Fatal1ty / mashumaro

Fast and well tested serialization library
Apache License 2.0
774 stars 45 forks source link

datetime parsing does not handle generic ISO-8601 strings #27

Closed baodrate closed 3 years ago

baodrate commented 3 years ago

Currently the generated from_dict code calls datetime.fromisoformat():

https://github.com/Fatal1ty/mashumaro/blob/53cd94c34006aff7f8b4eaa29d7b5d7037ee4bfd/mashumaro/serializer/base/metaprogramming.py#L468-L471

fromisoformat is only designed to invert the strings generated by datetime.isoformat():

This does not support parsing arbitrary ISO 8601 strings - it is only intended as the inverse operation of datetime.isoformat(). A more full-featured ISO 8601 parser, dateutil.parser.isoparse is available in the third-party package dateutil.

According to mashumaro's documentation:

use_datetime: False  # False - load datetime oriented objects from ISO 8601 formatted string, True - keep untouched

I believe it should be within mashumaro's scope to handle generic ISO-8601 strings

Fatal1ty commented 3 years ago

Yes, there is such a problem. Native fromisoformat doesn't cover all the cases but it's the fastest way to parse most ISO 8601 datetime strings: https://github.com/closeio/ciso8601/issues/66#issuecomment-404848813. But you're right it's the mashumaro's scope to handle generic ISO-8601 strings, so I decided to add a way to choose the parser using field's metadata:

class DataClass(DataClassDictMixin):
    x: datetime = field(metadata={"deserialize": "ciso8601"})

See more examples here: https://github.com/Fatal1ty/mashumaro/tree/datetime-parsers#using-field-metadata Moreover, I think it's an obvious way to make mashumaro more extensible and I'm going to use it for other things like https://github.com/Fatal1ty/mashumaro/issues/11. Also it would be convenient to configure a default behaviour for all fields in one place like Meta class in Django models.

Fatal1ty commented 3 years ago

We can change deserialization method with version 1.18: https://github.com/Fatal1ty/mashumaro#using-field-metadata

Fatal1ty commented 3 years ago

To fully cover the original problem, here is an example with dateutil:

from datetime import datetime
from dataclasses import dataclass, field
from mashumaro import DataClassDictMixin
import dateutil.parser

@dataclass
class A(DataClassDictMixin):
    x: datetime = field(metadata={"deserialize": dateutil.parser.isoparse})

print(A.from_dict({"x": "2019-01-02T07:00:00Z"}))
Bao-gxg commented 3 years ago

Perfect.
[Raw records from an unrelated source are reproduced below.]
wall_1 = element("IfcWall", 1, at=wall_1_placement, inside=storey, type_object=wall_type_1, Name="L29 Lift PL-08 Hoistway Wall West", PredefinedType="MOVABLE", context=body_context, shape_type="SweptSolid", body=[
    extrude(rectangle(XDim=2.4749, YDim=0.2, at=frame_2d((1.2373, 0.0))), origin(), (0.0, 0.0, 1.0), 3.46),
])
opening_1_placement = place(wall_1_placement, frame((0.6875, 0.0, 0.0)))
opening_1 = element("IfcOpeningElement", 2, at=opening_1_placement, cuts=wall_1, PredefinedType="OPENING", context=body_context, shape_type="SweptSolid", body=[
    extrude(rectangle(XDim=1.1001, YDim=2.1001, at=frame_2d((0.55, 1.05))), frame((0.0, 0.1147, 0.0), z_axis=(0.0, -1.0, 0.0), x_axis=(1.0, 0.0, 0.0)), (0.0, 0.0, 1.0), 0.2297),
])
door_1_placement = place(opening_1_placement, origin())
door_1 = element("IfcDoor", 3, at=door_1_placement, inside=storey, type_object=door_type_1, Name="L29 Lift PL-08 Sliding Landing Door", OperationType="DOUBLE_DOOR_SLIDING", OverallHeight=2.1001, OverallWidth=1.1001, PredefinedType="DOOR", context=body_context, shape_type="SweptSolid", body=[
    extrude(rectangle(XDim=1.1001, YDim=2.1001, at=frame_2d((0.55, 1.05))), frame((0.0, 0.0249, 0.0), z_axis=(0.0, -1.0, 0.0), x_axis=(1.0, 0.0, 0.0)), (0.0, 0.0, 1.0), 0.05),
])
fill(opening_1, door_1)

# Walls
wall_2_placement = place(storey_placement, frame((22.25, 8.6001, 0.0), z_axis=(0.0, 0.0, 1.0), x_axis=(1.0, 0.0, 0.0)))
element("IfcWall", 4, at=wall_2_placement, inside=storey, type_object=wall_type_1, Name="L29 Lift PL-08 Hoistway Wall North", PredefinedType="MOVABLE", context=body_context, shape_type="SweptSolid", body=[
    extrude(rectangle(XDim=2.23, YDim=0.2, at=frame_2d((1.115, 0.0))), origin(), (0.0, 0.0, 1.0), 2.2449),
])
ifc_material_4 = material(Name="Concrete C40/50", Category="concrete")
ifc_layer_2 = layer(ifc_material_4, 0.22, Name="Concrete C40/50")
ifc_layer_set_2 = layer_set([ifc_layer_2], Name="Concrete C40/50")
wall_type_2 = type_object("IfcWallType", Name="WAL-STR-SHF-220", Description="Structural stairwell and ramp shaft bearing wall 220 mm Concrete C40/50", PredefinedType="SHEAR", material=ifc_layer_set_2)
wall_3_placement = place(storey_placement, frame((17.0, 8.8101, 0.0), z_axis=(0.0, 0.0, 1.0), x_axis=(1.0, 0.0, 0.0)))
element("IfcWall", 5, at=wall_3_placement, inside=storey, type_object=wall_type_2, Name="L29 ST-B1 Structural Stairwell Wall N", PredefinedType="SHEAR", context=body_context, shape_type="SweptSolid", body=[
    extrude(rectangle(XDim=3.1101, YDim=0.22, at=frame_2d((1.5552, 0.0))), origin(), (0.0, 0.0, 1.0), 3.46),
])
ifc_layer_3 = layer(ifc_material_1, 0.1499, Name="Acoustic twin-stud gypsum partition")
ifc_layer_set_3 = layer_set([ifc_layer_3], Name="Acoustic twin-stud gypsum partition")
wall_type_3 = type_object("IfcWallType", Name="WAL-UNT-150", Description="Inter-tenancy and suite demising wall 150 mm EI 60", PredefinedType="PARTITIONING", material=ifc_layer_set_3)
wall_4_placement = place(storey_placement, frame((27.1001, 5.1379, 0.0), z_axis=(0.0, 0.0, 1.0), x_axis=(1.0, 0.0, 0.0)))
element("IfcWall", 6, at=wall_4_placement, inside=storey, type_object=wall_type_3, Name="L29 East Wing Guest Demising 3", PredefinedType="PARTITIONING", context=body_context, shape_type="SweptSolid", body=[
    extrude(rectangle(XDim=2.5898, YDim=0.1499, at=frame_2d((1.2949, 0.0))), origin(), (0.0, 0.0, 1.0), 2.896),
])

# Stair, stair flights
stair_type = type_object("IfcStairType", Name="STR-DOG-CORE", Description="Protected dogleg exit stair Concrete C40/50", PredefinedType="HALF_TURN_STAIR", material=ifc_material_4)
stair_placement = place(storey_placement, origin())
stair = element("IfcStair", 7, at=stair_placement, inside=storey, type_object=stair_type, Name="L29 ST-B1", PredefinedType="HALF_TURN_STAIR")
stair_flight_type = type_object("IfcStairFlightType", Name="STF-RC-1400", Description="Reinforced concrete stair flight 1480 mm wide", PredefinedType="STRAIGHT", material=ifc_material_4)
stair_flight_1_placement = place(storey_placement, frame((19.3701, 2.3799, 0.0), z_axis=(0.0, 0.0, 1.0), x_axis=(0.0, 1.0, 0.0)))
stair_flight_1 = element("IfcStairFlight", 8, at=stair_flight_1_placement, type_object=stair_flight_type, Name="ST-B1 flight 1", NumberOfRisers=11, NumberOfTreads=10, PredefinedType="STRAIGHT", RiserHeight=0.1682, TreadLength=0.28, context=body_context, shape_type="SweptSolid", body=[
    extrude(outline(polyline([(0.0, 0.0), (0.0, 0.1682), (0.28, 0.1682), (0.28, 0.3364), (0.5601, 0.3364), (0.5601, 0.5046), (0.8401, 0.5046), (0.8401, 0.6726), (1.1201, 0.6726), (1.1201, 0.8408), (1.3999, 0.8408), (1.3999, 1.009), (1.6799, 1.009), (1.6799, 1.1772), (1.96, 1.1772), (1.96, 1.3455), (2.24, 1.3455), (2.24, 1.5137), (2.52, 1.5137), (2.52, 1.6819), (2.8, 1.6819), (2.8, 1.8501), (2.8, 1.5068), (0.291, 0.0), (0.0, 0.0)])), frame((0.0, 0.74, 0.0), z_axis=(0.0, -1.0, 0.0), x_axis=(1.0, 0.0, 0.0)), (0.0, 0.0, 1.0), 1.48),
I'll test it out soon, thank you!

movermeyer commented 1 year ago

As of Python 3.11, datetime.fromisoformat can handle all the important bits of the ISO 8601 spec.

I'll be backporting its code in https://github.com/movermeyer/backports.datetime_fromisoformat/issues/21, so it'll be available for earlier versions of Python 3.

FWIW, ciso8601 is still faster than any other parser.